I grew up with the token line “read the book, its always better than the movie.” I lived and breathed this credo, I pushed it on others as a bookseller. Up until recently, I’d vow that it was complete and utter truth.
But has anyone noticed how crafty these TV Show writers have been getting? Look at Lost, the whole nation was hooked. And then all the over-rated vampire dramas… True Blood, I must say, was pretty fascinating. The book series counterpart by Charlainne Harris, uuuhhh, cute and funny – but not something that would keep me going back for more except for the fact that I can’t stand being that person that has watched the show or movie and not read all the books, being that person hurts my soul.
The whole phenomenon of liking the show better than the books threw me for a loop. I’m not that person – I always enjoy the books better. Look at The Scarlet Pimpernel: God only knows I adore Jane Seymour, but nothing compares to just reading it all for myself.
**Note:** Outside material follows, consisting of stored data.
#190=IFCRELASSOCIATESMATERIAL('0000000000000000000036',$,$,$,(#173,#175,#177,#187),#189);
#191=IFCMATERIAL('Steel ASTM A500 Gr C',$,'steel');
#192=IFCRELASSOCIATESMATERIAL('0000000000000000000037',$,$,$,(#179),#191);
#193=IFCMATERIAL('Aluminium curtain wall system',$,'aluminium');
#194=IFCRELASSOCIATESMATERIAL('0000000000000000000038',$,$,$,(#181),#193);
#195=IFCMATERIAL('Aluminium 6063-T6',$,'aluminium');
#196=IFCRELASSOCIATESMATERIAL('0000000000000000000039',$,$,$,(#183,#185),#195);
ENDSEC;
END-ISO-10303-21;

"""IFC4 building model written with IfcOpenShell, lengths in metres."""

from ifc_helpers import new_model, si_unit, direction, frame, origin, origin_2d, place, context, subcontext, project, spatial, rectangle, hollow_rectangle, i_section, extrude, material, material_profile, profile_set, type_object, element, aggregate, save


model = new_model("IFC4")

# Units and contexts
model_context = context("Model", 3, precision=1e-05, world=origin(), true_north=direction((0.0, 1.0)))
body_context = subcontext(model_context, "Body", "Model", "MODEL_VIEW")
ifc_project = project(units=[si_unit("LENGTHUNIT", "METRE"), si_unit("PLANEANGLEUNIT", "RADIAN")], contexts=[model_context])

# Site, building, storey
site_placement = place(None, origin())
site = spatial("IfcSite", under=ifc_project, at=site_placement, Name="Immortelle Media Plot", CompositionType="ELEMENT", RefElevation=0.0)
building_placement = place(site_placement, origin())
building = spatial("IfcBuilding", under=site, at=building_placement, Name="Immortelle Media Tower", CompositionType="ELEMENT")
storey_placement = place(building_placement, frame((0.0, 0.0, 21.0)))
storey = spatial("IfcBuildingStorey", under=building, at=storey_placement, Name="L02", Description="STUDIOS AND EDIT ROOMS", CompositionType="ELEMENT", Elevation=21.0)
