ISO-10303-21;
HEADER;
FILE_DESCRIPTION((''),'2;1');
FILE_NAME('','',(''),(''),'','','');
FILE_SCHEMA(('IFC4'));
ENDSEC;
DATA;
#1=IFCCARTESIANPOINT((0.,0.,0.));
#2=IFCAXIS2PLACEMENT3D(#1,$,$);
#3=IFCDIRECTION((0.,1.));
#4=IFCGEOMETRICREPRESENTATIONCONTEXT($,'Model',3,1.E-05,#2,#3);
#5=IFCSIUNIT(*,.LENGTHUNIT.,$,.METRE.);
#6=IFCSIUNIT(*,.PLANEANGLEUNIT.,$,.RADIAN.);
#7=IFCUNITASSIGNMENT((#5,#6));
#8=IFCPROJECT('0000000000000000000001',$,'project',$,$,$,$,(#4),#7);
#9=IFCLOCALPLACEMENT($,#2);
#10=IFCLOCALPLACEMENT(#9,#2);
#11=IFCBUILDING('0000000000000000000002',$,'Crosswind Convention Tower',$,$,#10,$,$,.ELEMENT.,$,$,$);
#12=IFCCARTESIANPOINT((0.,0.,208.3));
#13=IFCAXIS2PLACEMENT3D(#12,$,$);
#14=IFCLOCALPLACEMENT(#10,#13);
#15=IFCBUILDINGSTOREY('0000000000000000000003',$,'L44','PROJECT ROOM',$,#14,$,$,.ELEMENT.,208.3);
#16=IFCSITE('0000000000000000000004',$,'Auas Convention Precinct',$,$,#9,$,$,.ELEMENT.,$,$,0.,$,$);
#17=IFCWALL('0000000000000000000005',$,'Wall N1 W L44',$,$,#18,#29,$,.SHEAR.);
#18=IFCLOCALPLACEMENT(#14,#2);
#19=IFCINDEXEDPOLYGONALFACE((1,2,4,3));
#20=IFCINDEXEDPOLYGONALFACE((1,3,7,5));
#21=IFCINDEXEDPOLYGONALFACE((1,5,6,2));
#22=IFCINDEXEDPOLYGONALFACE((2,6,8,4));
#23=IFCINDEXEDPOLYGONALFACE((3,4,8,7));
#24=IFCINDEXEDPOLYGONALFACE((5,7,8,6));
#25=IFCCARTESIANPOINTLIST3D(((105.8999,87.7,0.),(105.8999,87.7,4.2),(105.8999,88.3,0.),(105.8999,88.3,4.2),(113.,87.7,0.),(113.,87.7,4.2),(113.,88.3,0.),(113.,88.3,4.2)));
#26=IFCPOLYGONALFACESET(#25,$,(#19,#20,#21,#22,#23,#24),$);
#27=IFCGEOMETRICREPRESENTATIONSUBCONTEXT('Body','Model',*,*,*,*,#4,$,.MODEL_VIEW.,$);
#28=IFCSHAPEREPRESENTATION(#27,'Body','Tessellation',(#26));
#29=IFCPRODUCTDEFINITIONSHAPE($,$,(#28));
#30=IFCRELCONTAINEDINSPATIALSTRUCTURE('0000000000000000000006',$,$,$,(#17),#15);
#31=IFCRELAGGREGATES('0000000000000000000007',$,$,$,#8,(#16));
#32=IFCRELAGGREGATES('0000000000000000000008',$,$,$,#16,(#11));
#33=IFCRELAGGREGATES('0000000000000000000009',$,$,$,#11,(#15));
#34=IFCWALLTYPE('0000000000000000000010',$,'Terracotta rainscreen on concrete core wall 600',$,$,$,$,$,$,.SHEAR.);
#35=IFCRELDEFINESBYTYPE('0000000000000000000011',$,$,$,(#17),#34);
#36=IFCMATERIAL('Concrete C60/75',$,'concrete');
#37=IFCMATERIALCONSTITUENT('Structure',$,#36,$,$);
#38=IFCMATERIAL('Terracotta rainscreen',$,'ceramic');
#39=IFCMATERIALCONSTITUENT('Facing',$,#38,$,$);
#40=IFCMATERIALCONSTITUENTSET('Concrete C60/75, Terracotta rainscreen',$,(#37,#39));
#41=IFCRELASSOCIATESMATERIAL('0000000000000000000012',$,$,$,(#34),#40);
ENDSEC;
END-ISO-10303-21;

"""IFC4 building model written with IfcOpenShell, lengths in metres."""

from ifc_helpers import new_model, si_unit, direction, frame, frame_2d, origin, place, context, subcontext, project, spatial, rectangle, extrude, material, constituent, constituent_set, type_object, element, save


model = new_model("IFC4")

# Units and contexts
model_context = context("Model", 3, precision=1e-05, world=origin(), true_north=direction((0.0, 1.0)))
body_context = subcontext(model_context, "Body", "Model", "MODEL_VIEW")
ifc_project = project(units=[si_unit("LENGTHUNIT", "METRE"), si_unit("PLANEANGLEUNIT", "RADIAN")], contexts=[model_context])

# Site, building, storey
site_placement = place(None, origin())
site = spatial("IfcSite", under=ifc_project, at=site_placement, Name="Auas Convention Precinct", CompositionType="ELEMENT", RefElevation=0.0)
building_placement = place(site_placement, origin())
building = spatial("IfcBuilding", under=site, at=building_placement, Name="Crosswind Convention Tower", CompositionType="ELEMENT")
storey_placement = place(building_placement, frame((0.0, 0.0, 208.3)))
storey = spatial("IfcBuildingStorey", under=building, at=storey_placement, Name="L44", Description="PROJECT ROOM", CompositionType="ELEMENT", Elevation=208.3)

# Shared definitions
ifc_material_1 = material(Name="Concrete C60/75", Category="concrete")

# Wall
ifc_constituent_1 = constituent(ifc_material_1, Name="Structure")
ifc_material_2 = material(Name="Terracotta rainscreen", Category="ceramic")
ifc_constituent_2 = constituent(ifc_material_2, Name="Facing")
ifc_constituent_set = constituent_set(constituents=[ifc_constituent_1, ifc_constituent_2], Name="Concrete C60/75, Terracotta rainscreen")
wall_type_1 = type_object("IfcWallType", Name="Terracotta rainscreen on concrete core wall 600", PredefinedType="SHEAR", material=ifc_constituent_set)
wall_1_placement = place(storey_placement, frame((113.0, 88.0, 0.0), z_axis=(0.0, 0.0, 1.0), x_axis=(-1.0, 0.0, 0.0)))
element("IfcWall", 1, at=wall_1_placement, inside=storey, type_object=wall_type_1, Name="Wall N1 W L44", PredefinedType="SHEAR", context=body_context, shape_type="SweptSolid", body=[
    extrude(rectangle(XDim=7.1001, YDim=0.6001, at=frame_2d((3.55, 0.0))), origin(), (0.0, 0.0, 1.0), 4.2),
])

save(model, "model.ifc")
Jane Austen renditions I could eat up day after day, but you’ll never get me to concede that I’d take any of the movie versions over the books ever. East of Eden, Nicholas Nickleby, Wuthering Heights, Harry Potter, my list of loves goes on and on, and as fabulous as some of the movie versions get they just can never compete with the books.
Until lately. I saw White Oleander and despite its major differences from Janet Fitch’s original work, I loved it, and will re-watch the movie long before I’ll re-read the written format. Girl Interrupted… I adore Susanna Keysen, but man, Angelina Joli and Winona Ryder did such an awesome job, I was riveted. And finally, to my shame, I have a closet addiction to the TV Show The Vampire Diaries. Its lame, I know, the whole ‘I’m in highschool and I’m doomed to love this vampire from first sight’ business is such a racket and mostly I hate it. (The Twilight book series stressed me out beyond belief, I didn’t really care for it although it was entertaining – but overall, pretty awful.) Yet, here I was this week, hooked on the Vampire Diaries (thanks to Netflix) and I thought: The books are bound to be even better, after all they are books.
So, I bought the first two. I’m reading them. I’m HATING them. How did a TV Show screen writer write such riveting stuff based on a book that is not remotely riveting at all? The books are so young, and in comparison the show is so much older. The Elena of the book is so shallow and a huge jerk so far, completely obsessed with herself and her status, and the Elena of the show is actually a bit lovable with the makings of a heroine.
I ask my fellow book readers: How has this happened? Has book quality gone down so low? Has the technology and budgeting of the movie and television industry risen so high to make a lame storyline become something fascinating with visual stimulation? Is it a combination of the two? Does any other book lovers find themselves in this hypocritical dilemma? I love my books. I love discovering the latest Simon Winchester, I love diving into ancient classics, I love studying history and researching ideas and philosophies of the past, I even love my bubble bath reads (the books I call cotton candy for the mind and soul). And sometimes, I find myself loving the movies and shows just a tad bit better.